# The Good Old Roll Drop Discussion - Again



## freddole (Apr 22, 2010)

Our community theatre will a roll drop system this summer. We plan to span 35'. The equipment will hang 22' above the stage. We are interested in talking with anyone who has attempted such a project before, and would like to hear of your missteps and successes. As we begin the engineering/design process, we would like to make as few mistakes as possible.

Thank you so much!

fred 
Lewiston Civic Theatre


----------



## Footer (Apr 22, 2010)

If you have done your searching, you should be in pretty good shape. Big thing is that the bottom pipe should be a solid pipe, at least 6" to 8" in diameter, and aluminum if possible. Also, be sure whatever you are rigging it to is solid. If your battens are hung with chain/cable it is not uncommon to chain each end of the batten to the SL/SR rails/wall/whatever. That will keep everything square. 

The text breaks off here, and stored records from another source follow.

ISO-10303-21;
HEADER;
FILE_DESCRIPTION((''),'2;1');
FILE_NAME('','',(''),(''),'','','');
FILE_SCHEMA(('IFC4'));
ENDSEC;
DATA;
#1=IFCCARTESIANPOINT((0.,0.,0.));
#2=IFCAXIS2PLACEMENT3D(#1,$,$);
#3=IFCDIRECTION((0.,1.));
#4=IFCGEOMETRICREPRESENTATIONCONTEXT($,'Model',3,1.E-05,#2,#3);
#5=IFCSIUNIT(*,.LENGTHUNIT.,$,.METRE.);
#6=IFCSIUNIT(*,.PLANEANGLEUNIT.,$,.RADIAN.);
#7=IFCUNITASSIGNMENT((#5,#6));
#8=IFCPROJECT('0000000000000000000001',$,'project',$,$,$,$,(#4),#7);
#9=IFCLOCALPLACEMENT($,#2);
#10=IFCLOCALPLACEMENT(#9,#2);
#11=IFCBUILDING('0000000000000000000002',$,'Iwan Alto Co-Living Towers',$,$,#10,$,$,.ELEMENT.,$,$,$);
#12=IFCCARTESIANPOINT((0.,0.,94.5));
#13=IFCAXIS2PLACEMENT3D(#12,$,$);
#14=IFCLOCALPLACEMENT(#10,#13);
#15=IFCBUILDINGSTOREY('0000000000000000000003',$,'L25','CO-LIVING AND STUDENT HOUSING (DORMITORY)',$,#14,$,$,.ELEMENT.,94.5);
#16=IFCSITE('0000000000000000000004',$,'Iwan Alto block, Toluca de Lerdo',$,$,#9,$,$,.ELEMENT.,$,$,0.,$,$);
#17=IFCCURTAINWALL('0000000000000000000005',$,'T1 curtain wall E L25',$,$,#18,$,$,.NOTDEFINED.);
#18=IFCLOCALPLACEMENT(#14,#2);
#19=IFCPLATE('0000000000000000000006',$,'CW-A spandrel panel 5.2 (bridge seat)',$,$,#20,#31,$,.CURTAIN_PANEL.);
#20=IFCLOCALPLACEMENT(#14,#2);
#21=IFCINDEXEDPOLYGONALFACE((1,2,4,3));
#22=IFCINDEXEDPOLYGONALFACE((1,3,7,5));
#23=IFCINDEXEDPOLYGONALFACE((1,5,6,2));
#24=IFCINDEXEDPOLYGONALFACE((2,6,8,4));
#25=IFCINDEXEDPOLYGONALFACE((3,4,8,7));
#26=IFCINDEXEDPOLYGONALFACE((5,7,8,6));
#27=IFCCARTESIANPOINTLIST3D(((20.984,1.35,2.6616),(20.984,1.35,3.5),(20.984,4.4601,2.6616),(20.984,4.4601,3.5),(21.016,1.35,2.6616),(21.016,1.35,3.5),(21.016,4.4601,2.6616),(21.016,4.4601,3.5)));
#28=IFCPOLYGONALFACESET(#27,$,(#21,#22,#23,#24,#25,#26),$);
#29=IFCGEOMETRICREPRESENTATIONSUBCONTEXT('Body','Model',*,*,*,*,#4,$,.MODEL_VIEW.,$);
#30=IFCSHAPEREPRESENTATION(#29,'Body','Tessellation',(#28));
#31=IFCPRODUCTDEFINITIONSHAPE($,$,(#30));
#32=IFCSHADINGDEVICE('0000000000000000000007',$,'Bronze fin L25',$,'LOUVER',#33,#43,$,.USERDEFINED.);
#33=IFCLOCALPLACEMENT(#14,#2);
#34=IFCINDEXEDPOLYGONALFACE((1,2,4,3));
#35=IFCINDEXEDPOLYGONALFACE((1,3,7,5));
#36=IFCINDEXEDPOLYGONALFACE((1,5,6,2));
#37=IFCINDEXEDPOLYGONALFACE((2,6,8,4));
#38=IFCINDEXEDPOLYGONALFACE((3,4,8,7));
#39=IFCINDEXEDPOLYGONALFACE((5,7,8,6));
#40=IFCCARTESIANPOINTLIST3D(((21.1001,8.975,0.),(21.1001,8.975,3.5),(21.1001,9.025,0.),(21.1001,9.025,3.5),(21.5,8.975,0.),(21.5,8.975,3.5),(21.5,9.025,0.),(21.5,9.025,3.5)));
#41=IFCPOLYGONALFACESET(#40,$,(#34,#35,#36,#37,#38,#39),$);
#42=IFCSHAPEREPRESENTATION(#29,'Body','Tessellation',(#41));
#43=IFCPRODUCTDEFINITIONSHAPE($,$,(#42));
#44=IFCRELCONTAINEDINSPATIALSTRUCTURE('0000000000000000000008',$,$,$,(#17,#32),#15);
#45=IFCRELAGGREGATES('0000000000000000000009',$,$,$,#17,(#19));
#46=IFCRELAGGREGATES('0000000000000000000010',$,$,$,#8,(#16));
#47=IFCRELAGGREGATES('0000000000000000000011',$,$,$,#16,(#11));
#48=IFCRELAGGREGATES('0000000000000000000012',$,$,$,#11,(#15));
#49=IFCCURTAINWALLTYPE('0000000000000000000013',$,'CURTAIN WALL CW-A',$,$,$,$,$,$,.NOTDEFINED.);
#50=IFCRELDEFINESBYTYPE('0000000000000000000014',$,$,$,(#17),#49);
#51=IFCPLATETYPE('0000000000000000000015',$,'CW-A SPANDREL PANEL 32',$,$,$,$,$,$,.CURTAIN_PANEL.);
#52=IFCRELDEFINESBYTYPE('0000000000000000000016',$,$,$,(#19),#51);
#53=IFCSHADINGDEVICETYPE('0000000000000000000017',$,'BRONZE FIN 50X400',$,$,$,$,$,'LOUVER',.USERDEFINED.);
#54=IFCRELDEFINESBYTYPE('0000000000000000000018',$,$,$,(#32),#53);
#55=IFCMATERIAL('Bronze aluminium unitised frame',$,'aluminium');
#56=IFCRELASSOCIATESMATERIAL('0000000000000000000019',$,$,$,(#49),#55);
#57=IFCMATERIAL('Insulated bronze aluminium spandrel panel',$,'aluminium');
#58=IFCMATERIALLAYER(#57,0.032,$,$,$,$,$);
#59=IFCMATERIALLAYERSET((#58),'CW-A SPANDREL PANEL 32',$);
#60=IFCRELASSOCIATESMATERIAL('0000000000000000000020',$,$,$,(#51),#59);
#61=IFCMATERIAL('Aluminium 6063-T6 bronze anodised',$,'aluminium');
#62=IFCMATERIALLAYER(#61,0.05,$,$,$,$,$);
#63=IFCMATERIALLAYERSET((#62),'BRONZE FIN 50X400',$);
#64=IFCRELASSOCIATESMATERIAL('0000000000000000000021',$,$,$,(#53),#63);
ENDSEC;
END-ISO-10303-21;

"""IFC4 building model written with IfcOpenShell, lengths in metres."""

from ifc_helpers import new_model, si_unit, direction, frame, origin, origin_2d, place, context, subcontext, project, spatial, rectangle, extrude, material, layer, layer_set, type_object, element, aggregate, save


model = new_model("IFC4")

# Units and contexts
model_context = context("Model", 3, precision=1e-05, world=origin(), true_north=direction((0.0, 1.0)))
body_context = subcontext(model_context, "Body", "Model", "MODEL_VIEW")
ifc_project = project(units=[si_unit("LENGTHUNIT", "METRE"), si_unit("PLANEANGLEUNIT", "RADIAN")], contexts=[model_context])

# Site, building, storey
site_placement = place(None, origin())
site = spatial("IfcSite", under=ifc_project, at=site_placement, Name="Iwan Alto block, Toluca de Lerdo", CompositionType="ELEMENT", RefElevation=0.0)
building_placement = place(site_placement, origin())
building = spatial("IfcBuilding", under=site, at=building_placement, Name="Iwan Alto Co-Living Towers", CompositionType="ELEMENT")
storey_placement = place(building_placement, frame((0.0, 0.0, 94.5)))
storey = spatial("IfcBuildingStorey", under=building, at=storey_placement, Name="L25", Description="CO-LIVING AND STUDENT HOUSING (DORMITORY)", CompositionType="ELEMENT", Elevation=94.5)

# Curtain wall
ifc_material_1 = material(Name="Bronze aluminium unitised frame", Category="aluminium")
curtain_wall_type = type_object("IfcCurtainWallType", Name="CURTAIN WALL CW-A", PredefinedType="NOTDEFINED", material=ifc_material_1)
curtain_wall_placement = place(storey_placement, origin())
curtain_wall = element("IfcCurtainWall", 1, at=curtain_wall_placement, inside=storey, type_object=curtain_wall_type, Name="T1 curtain wall E L25", PredefinedType="NOTDEFINED")

# Plate
ifc_material_2 = material(Name="Insulated bronze aluminium spandrel panel", Category="aluminium")
ifc_layer_1 = layer(ifc_material_2, 0.032)
ifc_layer_set_1 = layer_set([ifc_layer_1], Name="CW-A SPANDREL PANEL 32")
plate_type_1 = type_object("IfcPlateType", Name="CW-A SPANDREL PANEL 32", PredefinedType="CURTAIN_PANEL", material=ifc_layer_set_1)
plate_1_placement = place(storey_placement, frame((21.0, 2.905, 2.6616), z_axis=(0.0, 0.0, 1.0), x_axis=(0.0, 1.0, 0.0)))
plate_1 = element("IfcPlate", 2, at=plate_1_placement, type_object=plate_type_1, Name="CW-A spandrel panel 5.2 (bridge seat)", PredefinedType="CURTAIN_PANEL", context=body_context, shape_type="SweptSolid", body=[
    extrude(rectangle(XDim=3.1101, YDim=0.032, at=origin_2d()), origin(), (0.0, 0.0, 1.0), 0.8384),
])
aggregate(curtain_wall, [plate_1])

# Shading device
ifc_material_3 = material(Name="Aluminium 6063-T6 bronze anodised", Category="aluminium")
ifc_layer_2 = layer(ifc_material_3, 0.05)
ifc_layer_set_2 = layer_set([ifc_layer_2], Name="BRONZE FIN 50X400")
shading_device_type = type_object("IfcShadingDeviceType", Name="BRONZE FIN 50X400", ElementType="LOUVER", PredefinedType="USERDEFINED", material=ifc_layer_set_2)
shading_device_placement = place(storey_placement, frame((21.3, 9.0, 0.0), z_axis=(0.0, 0.0, 1.0), x_axis=(0.0, 1.0, 0.0)))
element("IfcShadingDevice", 3, at=shading_device_placement, inside=storey, type_object=shading_device_type, Name="Bronze fin L25", ObjectType="LOUVER", PredefinedType="USERDEFINED", context=body_context, shape_type="SweptSolid", body=[
    extrude(rectangle(XDim=0.05, YDim=0.3999, at=origin_2d()), origin(), (0.0, 0.0, 1.0), 3.5),
])

save(model, "model.ifc")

35' is a pretty big distance for this. You are REALLY going to have to dig hard to find a pipe that will do what you need. You should be able to have a guy on each end lift it and get less then an inch or two of deflection.


----------



## gafftaper (Apr 23, 2010)

As Footer said the topic has been pretty well covered. Search Roll Drop or Oleo. 

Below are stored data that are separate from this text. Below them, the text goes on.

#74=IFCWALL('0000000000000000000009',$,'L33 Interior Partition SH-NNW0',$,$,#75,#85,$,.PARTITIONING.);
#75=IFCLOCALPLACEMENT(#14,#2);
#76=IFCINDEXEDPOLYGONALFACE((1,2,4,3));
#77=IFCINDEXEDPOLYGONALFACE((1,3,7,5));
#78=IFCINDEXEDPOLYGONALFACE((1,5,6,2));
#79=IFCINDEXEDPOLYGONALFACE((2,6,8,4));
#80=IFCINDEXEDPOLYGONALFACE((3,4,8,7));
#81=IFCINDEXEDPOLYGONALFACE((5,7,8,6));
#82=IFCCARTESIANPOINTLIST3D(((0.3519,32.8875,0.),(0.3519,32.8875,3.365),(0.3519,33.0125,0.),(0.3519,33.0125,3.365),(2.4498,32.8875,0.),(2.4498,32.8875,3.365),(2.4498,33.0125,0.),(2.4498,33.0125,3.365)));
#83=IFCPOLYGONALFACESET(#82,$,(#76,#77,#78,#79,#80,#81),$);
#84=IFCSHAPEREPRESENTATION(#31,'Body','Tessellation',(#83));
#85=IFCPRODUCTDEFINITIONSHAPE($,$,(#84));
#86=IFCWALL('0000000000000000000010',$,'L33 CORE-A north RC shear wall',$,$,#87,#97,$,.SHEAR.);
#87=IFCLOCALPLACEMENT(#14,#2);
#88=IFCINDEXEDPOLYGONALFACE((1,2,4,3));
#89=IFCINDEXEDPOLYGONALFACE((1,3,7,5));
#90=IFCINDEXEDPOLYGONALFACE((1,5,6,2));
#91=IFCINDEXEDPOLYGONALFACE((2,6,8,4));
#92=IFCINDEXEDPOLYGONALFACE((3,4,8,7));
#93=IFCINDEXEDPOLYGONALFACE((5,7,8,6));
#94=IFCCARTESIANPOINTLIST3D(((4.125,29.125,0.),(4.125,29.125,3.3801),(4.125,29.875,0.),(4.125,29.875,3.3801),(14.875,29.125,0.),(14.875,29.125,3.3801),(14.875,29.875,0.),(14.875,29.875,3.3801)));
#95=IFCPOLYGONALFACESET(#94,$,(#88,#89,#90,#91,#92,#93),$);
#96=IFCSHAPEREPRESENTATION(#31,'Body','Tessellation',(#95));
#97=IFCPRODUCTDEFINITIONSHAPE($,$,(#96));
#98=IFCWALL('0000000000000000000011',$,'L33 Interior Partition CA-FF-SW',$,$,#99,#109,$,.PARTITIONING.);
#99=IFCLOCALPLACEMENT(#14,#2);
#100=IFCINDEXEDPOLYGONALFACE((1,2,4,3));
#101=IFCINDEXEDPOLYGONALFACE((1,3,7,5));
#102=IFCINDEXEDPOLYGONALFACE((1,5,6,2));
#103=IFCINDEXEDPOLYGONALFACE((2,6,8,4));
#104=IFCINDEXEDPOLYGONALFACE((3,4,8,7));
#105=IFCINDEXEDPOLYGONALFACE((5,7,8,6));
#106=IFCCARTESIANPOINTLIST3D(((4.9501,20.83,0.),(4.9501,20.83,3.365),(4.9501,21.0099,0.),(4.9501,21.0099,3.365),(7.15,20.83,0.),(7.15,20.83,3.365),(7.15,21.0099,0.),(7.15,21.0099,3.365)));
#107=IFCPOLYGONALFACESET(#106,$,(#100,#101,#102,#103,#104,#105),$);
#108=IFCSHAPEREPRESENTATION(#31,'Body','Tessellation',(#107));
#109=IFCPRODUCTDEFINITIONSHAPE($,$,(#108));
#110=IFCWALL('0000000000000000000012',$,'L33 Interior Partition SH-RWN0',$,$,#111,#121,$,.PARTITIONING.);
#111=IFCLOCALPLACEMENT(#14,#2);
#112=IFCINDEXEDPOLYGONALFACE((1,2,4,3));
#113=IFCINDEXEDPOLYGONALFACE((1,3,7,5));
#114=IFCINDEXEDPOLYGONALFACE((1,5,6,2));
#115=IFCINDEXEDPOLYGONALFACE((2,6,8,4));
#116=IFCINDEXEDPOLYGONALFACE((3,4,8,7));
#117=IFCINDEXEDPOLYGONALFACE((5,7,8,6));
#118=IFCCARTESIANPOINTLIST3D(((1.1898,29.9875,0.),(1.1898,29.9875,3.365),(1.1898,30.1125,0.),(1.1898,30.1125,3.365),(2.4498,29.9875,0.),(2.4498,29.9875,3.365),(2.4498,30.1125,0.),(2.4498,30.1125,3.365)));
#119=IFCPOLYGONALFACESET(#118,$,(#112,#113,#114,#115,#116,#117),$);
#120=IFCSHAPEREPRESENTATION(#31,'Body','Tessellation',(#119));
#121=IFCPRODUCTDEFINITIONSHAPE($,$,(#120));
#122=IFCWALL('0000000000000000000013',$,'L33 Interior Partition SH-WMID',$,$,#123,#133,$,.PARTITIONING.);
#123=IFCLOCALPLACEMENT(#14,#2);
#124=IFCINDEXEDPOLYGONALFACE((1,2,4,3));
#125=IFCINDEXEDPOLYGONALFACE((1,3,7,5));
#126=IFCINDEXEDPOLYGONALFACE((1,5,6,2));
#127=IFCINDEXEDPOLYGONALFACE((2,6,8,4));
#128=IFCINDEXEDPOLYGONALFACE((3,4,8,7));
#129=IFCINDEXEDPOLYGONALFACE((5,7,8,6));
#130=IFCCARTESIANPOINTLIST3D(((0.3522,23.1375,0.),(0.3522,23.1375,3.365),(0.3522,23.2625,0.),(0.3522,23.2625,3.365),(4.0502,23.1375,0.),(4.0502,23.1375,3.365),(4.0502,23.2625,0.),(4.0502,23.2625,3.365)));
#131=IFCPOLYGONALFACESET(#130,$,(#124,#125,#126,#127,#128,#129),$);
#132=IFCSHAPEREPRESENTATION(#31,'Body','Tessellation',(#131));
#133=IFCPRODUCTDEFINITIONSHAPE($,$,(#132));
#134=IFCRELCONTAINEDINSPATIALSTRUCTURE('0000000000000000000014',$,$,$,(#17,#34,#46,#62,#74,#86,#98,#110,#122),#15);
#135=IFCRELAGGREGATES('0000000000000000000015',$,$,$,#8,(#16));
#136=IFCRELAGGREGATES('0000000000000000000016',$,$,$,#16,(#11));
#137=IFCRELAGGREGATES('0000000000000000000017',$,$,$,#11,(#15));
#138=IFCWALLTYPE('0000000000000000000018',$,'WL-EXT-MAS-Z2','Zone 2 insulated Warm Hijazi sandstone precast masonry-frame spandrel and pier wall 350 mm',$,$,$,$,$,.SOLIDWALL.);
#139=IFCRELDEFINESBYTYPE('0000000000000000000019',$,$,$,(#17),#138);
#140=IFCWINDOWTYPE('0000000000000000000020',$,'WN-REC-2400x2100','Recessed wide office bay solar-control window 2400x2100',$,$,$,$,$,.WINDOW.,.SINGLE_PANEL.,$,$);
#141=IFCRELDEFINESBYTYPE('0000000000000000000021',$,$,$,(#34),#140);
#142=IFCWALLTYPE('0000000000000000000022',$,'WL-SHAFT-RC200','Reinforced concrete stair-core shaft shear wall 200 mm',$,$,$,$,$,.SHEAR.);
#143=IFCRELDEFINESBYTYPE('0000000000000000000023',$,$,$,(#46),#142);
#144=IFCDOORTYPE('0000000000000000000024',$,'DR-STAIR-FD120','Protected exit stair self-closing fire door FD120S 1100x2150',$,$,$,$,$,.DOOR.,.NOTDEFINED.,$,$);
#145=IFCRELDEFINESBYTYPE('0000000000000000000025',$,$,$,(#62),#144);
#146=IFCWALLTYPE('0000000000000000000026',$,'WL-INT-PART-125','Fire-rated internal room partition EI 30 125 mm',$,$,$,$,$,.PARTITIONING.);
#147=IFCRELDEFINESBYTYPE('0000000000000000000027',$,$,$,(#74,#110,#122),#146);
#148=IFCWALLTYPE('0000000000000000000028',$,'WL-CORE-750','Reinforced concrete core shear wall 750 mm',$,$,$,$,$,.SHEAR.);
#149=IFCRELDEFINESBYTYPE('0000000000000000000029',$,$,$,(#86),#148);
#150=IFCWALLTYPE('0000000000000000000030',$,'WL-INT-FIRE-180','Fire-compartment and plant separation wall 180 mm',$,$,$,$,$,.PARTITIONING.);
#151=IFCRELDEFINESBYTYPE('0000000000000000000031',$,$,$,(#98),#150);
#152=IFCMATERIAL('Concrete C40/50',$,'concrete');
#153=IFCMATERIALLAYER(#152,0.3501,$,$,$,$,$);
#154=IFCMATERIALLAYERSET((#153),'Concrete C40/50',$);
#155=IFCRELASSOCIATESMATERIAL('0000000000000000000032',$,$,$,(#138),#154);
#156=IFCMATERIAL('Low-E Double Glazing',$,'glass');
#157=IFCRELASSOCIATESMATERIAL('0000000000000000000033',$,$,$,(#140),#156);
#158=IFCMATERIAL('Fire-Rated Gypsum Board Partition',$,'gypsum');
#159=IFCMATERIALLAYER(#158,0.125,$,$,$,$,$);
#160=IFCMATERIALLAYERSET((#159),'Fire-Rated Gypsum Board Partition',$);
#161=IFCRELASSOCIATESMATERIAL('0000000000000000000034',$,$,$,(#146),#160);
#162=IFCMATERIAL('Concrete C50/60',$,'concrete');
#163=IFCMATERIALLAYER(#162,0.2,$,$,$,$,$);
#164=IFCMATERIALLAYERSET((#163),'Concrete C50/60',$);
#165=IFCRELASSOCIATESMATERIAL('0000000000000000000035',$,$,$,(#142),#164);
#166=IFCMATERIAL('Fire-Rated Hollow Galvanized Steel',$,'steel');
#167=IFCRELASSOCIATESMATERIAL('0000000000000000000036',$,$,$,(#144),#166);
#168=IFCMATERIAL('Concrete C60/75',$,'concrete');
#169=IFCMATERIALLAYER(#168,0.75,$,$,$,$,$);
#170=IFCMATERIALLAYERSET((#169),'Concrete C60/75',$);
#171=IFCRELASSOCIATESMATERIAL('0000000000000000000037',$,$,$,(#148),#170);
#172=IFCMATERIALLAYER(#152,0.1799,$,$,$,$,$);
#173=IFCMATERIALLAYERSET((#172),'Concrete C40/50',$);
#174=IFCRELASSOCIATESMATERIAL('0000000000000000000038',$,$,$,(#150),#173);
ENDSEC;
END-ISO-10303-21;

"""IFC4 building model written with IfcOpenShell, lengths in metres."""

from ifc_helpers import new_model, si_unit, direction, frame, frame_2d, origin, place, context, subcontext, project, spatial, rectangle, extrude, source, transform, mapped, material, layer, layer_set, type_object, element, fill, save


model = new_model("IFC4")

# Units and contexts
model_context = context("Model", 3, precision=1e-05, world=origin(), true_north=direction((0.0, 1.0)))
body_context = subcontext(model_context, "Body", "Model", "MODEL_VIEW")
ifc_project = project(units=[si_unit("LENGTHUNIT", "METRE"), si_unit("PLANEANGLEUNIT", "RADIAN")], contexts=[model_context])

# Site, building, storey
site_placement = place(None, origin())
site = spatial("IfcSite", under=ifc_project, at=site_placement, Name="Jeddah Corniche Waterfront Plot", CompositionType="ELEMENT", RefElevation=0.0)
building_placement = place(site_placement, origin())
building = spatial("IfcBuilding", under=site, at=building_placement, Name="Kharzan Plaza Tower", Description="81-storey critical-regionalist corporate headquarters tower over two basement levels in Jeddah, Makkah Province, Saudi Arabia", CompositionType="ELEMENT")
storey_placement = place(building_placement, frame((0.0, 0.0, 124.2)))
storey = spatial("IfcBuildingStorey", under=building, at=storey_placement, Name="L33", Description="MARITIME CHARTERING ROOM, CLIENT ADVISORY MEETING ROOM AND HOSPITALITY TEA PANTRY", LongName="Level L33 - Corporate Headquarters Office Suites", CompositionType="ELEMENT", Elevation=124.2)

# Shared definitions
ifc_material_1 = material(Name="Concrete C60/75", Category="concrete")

That's a REALLY big one. Don't even think about Wood, PVC, or Sonatube for that bottom roller. You'll have a HUGE sag in the middle. There's simply no way to properly do one that long and that's metal. I built one with a 20' curtain last year out of PVC with wood reinforcement inside. It sagged a good 3 feet at center. 35' forget it. As a result it's going to be seriously heavy.


----------



## Footer (Apr 23, 2010)

Give a call to your local steel supplier. See if they can not weld 2 or 3 sections of 8" aluminum pipe together. You might still have to put in some type of trussing inside to get the thing to be stiff. I would also suggest that on your control lines you hand at least enough counterweight to equal the weight of the pipe. You will be introducing more load into the overall system so make sure your rigging can support it. 

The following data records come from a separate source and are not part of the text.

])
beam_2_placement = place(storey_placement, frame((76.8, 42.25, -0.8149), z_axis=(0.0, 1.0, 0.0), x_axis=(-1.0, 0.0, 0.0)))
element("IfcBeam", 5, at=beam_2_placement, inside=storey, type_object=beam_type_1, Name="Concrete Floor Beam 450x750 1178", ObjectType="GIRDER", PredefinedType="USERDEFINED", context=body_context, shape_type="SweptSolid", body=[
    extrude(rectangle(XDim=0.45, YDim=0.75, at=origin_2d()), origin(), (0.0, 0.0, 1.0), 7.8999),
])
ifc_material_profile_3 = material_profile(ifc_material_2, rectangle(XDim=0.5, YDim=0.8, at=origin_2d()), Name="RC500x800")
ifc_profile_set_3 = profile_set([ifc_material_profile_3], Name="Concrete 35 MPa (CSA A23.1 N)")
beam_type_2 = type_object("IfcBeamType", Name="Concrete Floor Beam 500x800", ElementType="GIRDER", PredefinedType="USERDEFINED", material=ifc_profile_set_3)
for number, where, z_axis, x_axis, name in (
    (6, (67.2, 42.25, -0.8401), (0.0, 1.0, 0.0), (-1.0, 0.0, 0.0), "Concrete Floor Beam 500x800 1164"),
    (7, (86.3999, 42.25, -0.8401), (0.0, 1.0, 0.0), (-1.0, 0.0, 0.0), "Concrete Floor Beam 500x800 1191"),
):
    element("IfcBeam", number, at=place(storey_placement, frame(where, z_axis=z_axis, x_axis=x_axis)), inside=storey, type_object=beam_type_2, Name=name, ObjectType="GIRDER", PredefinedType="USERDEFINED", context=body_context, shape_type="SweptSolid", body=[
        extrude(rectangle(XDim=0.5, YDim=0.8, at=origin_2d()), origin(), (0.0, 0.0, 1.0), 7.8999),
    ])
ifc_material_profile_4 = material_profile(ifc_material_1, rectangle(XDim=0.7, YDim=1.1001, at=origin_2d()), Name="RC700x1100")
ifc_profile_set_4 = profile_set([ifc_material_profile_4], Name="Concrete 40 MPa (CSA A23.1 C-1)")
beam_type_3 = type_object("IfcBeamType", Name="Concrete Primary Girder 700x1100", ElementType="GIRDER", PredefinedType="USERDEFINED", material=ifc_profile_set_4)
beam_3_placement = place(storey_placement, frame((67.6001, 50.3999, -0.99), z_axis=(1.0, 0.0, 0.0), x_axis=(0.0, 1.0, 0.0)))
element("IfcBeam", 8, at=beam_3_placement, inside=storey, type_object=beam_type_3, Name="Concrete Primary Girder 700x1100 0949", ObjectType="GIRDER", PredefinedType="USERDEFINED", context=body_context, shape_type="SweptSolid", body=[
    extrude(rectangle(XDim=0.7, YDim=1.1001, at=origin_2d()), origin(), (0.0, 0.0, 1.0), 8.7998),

With the counterweights in place you will have a safer system in general. Instead of dead hauling all this weight it should be a bit more controlled. I have done 25' ones with aluminum pipe and I could barely get the drop up by myself. 35' will be very difficult without help.


----------



## jwl868 (Apr 23, 2010)

Footer:

Do you remember what schedule pipe you used? 8-inch Schedule 40 aluminum pipe weighs in at about 10 lb/foot.

Joe

(If one reviews tables for spans of pipe in this general diameter range, one will find that for steel, the maximum length is about 20 feet, and for plastic the maximum length is about 10.)


----------



## Footer (Apr 23, 2010)

jwl868 said:


> Footer:
> 
> Do you remember what schedule pipe you used? 8-inch Schedule 40 aluminum pipe weighs in at about 10 lb/foot.
> 
> ...



I have absolutely no clue. The pipe was already in the venue, and that venue is now halfway across the country from where I am at.


----------



## sk8rsdad (Apr 23, 2010)

jwl868 said:


> Footer:
> 
> Do you remember what schedule pipe you used? 8-inch Schedule 40 aluminum pipe weighs in at about 10 lb/foot.
> 
> ...



Google Books excerpts of Sammler's _Technical Design Solutions for Theatre_ suggests that schedule 10 aluminum is adequate for a 25' roller.


----------



## freddole (Apr 27, 2010)

Thank you, all who have replied. I appreciate this misc. info - especially the comments regarding the weight of Schedule 40 8" pipe. This is the material I think we are going to go with, along with internal reinforcement. Finding the material will be the next challenge, along with engineering the turning mechanism and the hanging. I do know the challenges presented by a painted 30+ foot drop! Power drive may be the way to go in our small venue.

fred


----------



## jneveaux (Jun 25, 2015)

freddole said:


> Our community theatre will a roll drop system this summer. We plan to span 35'. The equipment will hang 22' above the stage. We are interested in talking with anyone who has attempted such a project before, and would like to hear of your missteps and successes. As we begin the engineering/design process, we would like to make as few mistakes as possible.
> 
> Thank you so much!
> 
> ...



This is an older thread I realize but:
Has anyone heard of a reason to redline a rolldrop set up? My school venue (where my community theatre group performs in summer) had a consultant come in for other reasons and apparently he told them that the existing rolldrop rigging was "not code", which put them into a panic and they immediately removed the bottom roller (8" truss reinforced aluminum tubing bought from a stage supplier) and pulled the control lines. I can't get anyone to explain what "code" was at issue. Thoughts?


----------



## BillConnerFASTC (Jun 25, 2015)

Bottom roller roll drops are hard to make safe. Is this a manual rope tied to a clear? One operator slip and that roller tube dies damage. Code is probably not that right word. But still potentially a serious hazard.


----------



## jneveaux (Jun 26, 2015)

BillConnerASTC said:


> Bottom roller roll drops are hard to make safe. Is this a manual rope tied to a clear? One operator slip and that roller tube dies damage. Code is probably not that right word. But still potentially a serious hazard.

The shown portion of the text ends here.